The outlook for the euro zone remains positive, European Central Bank president Mr Wim Duisenberg said in the Bank's annual report. "There is good reason for realistic optimism regarding the prospects for the euro zone," he said, noting that one of the advantages of the single currency was that the euro area was probably less vulnerable than in the past to external shocks. The head of the ECB has been under considerable pressure in recent months to cut interest rates in response to the US-led global economic downturn.
Mr Duisenberg defended his refusal to cut rates on the grounds that inflationary pressures in the euro zone were more acute than people realised. In a foreword to the report, he said the best way to achieve confidence in the euro was to build a track record of low inflation. Unfortunately, high oil prices and continuing weakness in the euro have dogged the Bank's plans.
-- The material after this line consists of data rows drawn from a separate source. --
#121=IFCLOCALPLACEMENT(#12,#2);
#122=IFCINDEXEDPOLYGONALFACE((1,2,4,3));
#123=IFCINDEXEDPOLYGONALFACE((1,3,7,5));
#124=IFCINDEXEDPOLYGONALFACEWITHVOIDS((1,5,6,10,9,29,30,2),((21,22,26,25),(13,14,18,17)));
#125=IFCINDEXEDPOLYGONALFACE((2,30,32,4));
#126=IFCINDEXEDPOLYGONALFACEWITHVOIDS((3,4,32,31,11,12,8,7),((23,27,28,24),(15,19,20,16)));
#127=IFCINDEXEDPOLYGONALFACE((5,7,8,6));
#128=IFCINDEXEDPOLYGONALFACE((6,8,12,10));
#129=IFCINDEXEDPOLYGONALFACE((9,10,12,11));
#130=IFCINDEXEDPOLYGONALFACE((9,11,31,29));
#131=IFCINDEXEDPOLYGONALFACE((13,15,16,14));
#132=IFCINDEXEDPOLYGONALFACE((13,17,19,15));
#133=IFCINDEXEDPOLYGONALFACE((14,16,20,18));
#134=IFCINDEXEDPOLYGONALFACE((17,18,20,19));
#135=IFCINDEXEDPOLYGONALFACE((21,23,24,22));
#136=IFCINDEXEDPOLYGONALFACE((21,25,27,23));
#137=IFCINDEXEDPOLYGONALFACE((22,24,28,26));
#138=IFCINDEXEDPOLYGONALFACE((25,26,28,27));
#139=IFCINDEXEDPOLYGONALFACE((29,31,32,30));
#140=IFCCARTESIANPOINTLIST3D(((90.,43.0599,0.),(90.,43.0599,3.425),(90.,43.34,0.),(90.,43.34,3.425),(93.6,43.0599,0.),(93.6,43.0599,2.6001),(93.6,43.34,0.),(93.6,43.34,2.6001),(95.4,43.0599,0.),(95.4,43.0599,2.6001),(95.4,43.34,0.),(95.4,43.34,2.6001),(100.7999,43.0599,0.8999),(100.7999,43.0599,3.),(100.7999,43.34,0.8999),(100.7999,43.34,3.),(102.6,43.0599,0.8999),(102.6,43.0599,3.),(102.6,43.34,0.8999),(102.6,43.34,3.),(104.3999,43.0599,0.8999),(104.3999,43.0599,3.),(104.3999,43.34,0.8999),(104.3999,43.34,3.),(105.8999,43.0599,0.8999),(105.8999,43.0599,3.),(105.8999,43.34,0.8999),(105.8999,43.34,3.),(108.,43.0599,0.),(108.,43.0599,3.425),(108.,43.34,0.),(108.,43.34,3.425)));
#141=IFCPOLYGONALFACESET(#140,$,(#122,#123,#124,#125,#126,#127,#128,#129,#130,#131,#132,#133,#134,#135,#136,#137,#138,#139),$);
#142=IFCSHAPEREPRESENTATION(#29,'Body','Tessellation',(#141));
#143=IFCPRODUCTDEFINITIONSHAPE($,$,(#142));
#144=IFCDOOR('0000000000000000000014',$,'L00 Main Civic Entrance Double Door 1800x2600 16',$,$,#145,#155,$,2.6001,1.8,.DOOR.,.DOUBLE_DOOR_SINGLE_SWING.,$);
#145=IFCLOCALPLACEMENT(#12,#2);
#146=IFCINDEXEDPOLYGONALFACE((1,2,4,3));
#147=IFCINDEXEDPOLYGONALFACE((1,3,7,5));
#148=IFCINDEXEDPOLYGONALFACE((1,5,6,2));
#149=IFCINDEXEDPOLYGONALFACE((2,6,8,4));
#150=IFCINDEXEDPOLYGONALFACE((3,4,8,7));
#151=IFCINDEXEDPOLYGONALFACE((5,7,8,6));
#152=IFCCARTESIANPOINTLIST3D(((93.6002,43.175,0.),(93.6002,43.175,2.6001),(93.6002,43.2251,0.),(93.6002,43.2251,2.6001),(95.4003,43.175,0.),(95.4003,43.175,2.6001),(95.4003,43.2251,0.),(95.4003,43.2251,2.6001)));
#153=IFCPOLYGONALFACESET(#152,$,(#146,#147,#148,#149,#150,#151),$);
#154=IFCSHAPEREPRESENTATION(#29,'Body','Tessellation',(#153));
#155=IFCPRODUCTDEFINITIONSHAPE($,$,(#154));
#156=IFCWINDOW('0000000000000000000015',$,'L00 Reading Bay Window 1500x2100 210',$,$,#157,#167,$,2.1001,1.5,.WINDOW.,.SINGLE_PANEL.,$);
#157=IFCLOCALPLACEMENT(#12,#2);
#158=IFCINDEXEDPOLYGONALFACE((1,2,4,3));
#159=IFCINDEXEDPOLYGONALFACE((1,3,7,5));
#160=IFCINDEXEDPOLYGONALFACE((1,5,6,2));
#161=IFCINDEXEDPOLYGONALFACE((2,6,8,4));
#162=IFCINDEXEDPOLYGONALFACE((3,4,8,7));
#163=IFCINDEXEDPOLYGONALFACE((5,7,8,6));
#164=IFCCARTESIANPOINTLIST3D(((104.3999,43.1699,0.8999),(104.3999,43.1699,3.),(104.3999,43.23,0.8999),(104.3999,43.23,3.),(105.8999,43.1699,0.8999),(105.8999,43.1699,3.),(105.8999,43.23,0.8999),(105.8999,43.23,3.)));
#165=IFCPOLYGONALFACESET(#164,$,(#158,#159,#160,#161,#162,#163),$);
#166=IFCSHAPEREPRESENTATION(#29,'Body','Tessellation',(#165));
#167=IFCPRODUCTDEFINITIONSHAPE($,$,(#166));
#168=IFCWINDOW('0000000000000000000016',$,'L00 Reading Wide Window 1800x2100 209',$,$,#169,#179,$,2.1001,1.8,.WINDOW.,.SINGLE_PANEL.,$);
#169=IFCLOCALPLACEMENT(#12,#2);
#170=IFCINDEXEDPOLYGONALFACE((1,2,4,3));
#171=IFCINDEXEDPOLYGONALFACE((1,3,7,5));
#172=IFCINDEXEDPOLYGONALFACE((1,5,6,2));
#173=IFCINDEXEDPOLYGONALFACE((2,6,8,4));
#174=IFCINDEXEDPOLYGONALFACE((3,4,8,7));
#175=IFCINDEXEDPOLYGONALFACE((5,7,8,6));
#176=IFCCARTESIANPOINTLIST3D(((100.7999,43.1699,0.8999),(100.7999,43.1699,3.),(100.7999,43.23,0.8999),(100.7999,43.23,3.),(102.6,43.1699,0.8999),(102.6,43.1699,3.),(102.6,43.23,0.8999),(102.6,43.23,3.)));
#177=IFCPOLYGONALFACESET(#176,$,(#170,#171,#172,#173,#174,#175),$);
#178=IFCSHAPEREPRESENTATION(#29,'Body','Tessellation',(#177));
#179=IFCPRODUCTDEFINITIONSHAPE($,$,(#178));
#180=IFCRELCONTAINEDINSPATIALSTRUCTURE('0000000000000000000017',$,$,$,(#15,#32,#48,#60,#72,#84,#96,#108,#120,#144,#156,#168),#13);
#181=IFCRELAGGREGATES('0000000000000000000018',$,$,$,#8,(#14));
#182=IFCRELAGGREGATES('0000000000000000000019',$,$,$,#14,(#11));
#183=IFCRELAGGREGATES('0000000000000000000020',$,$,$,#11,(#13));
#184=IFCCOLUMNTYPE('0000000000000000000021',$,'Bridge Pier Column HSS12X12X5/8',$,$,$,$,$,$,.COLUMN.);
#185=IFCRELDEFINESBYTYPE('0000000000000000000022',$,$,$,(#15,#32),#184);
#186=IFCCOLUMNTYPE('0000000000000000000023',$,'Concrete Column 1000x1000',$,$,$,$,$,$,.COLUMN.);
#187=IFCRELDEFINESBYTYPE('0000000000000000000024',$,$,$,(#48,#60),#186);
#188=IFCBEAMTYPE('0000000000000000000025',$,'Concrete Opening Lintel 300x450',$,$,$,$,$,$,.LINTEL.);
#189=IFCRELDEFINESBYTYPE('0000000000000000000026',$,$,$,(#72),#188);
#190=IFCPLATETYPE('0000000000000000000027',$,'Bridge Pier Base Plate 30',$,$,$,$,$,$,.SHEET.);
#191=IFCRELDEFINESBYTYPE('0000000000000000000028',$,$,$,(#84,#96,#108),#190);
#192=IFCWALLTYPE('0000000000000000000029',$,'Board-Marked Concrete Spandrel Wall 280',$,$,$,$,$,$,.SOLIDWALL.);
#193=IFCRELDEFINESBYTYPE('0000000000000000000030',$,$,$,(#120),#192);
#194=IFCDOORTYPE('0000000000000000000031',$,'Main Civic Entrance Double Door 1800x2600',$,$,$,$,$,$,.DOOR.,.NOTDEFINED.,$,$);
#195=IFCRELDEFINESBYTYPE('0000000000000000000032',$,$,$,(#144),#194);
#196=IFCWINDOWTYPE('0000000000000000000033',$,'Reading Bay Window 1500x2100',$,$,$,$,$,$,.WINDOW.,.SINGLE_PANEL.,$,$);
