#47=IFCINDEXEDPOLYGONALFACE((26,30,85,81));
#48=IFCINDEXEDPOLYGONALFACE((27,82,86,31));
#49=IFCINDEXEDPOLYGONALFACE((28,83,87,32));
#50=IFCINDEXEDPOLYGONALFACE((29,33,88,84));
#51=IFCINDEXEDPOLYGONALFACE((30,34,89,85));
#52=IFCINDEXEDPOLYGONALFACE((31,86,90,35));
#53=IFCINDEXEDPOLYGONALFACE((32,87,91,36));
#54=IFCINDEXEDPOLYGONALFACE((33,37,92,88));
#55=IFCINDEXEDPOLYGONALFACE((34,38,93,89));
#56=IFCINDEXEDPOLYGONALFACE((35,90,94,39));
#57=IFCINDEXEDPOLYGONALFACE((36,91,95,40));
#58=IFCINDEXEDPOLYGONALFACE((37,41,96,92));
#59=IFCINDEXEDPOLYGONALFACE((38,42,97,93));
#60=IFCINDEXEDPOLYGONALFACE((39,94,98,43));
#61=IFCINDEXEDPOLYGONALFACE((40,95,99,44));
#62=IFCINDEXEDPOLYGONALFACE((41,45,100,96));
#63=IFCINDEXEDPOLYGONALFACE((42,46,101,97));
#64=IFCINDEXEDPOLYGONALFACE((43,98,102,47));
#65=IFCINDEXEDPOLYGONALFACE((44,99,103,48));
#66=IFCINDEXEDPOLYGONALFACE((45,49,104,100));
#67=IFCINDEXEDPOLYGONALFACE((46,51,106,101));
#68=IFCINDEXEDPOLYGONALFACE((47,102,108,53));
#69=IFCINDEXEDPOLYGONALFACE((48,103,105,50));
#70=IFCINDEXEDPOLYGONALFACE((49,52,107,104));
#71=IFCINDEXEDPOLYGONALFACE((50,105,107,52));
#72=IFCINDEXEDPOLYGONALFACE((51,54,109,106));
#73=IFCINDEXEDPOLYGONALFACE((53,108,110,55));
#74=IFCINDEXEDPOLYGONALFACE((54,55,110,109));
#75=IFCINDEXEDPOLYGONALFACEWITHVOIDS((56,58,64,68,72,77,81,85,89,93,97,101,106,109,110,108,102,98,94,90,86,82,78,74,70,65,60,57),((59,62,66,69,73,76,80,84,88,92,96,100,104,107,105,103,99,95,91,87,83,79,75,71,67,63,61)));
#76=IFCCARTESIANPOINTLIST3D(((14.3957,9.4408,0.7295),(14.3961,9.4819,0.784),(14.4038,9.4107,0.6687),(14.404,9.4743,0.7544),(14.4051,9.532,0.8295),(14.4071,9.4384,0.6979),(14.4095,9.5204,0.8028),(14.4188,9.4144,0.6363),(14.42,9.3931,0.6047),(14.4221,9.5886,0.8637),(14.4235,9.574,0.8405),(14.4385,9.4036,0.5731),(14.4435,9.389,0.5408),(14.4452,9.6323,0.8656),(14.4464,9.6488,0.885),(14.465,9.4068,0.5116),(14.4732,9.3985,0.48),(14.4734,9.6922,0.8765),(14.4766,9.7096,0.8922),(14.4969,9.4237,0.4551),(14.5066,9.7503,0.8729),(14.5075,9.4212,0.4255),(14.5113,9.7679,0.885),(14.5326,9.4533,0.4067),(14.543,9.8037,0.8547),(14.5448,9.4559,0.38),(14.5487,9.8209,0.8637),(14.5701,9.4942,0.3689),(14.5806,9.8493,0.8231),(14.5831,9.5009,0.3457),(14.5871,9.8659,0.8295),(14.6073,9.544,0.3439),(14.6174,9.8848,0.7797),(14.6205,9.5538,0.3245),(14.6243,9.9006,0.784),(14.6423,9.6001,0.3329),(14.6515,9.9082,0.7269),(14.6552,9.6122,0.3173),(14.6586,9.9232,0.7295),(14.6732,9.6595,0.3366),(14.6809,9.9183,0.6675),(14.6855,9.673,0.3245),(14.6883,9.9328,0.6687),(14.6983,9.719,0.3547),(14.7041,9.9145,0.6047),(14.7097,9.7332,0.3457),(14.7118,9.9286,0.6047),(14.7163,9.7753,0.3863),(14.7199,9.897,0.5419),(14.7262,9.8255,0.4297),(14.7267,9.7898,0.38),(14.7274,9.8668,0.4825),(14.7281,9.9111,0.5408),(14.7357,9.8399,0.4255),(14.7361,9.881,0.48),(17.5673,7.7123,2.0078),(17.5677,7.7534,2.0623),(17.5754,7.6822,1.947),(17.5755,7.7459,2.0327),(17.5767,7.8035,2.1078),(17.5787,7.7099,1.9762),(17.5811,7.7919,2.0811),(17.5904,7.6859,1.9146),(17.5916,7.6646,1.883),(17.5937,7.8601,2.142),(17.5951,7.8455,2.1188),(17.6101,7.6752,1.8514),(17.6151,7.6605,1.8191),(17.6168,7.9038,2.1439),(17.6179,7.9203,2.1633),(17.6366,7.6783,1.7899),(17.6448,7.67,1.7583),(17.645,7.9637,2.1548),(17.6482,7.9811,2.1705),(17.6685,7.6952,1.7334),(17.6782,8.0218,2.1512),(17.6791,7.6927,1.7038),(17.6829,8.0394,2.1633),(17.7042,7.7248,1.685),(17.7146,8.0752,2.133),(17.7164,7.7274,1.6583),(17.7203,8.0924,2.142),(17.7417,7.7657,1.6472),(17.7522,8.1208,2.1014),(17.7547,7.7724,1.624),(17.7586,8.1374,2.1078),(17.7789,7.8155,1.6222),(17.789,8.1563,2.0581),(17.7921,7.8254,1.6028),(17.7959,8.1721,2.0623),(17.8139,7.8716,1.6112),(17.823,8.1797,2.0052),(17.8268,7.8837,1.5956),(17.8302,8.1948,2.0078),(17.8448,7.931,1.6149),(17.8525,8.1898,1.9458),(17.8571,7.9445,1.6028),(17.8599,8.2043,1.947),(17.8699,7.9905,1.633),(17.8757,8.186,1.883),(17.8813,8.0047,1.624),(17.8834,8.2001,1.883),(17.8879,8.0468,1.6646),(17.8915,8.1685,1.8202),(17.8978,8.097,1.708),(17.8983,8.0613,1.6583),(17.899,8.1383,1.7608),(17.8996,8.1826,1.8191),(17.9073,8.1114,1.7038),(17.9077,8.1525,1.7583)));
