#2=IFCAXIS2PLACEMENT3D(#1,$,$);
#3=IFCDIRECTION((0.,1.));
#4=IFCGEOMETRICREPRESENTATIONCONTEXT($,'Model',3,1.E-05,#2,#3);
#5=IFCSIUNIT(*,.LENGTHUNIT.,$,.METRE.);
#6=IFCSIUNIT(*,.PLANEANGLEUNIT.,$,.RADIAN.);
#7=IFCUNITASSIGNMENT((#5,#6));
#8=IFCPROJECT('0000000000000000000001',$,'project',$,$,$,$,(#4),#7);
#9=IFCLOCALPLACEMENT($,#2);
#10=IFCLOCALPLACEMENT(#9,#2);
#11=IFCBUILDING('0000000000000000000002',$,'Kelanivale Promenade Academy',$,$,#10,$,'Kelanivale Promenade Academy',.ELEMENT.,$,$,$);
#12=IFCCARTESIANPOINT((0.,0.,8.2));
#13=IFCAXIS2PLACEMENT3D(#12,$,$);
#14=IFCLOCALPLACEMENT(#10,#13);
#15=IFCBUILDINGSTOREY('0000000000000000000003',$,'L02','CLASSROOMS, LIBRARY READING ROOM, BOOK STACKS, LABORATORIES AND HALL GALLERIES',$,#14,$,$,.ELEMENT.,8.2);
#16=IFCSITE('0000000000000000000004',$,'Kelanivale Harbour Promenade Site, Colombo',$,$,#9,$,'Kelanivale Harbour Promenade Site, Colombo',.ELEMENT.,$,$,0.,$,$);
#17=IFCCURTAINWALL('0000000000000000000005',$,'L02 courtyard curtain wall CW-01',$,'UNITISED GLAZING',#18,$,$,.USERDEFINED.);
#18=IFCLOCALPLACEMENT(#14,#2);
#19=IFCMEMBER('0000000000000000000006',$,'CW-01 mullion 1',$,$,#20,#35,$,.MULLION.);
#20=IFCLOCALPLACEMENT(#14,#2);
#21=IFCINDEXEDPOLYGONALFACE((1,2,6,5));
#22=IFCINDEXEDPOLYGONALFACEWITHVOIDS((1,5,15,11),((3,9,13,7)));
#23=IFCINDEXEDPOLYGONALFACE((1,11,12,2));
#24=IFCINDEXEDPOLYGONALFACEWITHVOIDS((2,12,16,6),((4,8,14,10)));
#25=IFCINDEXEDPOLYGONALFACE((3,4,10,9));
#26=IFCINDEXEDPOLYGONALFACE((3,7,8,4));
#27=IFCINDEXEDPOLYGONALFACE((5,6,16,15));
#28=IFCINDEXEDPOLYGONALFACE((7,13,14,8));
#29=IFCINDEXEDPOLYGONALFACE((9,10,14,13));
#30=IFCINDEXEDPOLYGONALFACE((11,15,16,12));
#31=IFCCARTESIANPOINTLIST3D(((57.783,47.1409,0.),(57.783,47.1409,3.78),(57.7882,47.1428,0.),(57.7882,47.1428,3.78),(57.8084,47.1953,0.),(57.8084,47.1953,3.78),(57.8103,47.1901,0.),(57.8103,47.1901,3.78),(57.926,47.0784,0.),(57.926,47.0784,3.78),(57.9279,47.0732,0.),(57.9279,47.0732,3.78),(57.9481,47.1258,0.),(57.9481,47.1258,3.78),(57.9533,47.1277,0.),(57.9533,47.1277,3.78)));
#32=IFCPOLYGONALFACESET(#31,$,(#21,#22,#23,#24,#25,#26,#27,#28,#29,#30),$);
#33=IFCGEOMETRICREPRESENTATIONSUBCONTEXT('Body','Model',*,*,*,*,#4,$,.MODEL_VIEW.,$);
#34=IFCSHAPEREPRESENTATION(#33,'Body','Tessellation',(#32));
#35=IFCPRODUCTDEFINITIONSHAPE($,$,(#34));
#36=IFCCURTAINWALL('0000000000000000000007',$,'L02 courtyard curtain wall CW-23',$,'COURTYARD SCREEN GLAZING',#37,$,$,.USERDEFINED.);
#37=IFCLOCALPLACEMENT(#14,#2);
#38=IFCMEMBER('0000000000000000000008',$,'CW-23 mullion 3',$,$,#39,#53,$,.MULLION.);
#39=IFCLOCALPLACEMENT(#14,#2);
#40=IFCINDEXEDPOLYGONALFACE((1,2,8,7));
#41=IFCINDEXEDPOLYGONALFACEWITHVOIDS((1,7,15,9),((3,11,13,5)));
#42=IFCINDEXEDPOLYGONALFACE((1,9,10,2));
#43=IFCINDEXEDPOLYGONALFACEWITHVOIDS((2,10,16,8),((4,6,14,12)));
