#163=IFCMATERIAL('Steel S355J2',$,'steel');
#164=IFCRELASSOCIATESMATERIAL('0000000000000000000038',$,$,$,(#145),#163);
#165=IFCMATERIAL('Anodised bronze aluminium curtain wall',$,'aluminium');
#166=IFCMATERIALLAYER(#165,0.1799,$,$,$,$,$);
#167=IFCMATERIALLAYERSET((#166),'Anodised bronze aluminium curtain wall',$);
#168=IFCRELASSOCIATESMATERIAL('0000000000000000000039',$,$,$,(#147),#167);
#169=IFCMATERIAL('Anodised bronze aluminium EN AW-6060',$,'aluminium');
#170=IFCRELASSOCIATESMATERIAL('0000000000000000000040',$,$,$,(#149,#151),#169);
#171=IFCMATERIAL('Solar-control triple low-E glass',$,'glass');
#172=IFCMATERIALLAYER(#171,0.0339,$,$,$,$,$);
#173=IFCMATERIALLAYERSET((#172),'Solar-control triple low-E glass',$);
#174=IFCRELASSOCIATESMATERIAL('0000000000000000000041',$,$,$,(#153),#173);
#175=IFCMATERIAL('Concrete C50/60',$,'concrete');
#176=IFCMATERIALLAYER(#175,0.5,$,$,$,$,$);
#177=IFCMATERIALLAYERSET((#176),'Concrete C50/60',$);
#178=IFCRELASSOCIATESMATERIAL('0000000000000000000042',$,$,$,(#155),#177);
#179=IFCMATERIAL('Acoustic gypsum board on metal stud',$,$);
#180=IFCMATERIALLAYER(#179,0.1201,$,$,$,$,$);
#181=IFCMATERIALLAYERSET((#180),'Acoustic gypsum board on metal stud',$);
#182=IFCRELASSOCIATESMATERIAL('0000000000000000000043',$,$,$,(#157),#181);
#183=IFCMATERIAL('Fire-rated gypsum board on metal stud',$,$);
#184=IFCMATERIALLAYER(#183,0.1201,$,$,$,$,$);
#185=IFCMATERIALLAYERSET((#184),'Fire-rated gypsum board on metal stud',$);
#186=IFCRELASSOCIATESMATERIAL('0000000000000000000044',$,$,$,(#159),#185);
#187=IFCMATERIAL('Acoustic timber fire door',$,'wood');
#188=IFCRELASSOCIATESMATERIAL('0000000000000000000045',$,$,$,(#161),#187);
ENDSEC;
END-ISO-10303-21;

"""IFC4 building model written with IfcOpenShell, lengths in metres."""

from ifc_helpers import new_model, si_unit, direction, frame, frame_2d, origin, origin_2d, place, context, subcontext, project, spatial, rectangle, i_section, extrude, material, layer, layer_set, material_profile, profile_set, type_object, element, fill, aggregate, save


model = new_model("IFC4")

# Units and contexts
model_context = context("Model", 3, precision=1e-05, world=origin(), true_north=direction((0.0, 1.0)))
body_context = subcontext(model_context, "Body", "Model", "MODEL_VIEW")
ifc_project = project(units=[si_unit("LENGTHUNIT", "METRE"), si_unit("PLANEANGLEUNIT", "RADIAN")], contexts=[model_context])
The ECB recently said it expected an overshoot of the 2 per cent annual inflation target for the second year in a row. The Bank warned inflation might not dip below 2 per cent again until early next year.
The International Monetary Fund recently challenged the ECB's refusal to ease monetary conditions, saying it had made the euro zone "part of the problem" of slowing global growth. Though the ECB raised interest rates by a cumulative 1.75 percentage points between November 1999 and October 2000, the euro's weakness wiped out much of that tightening.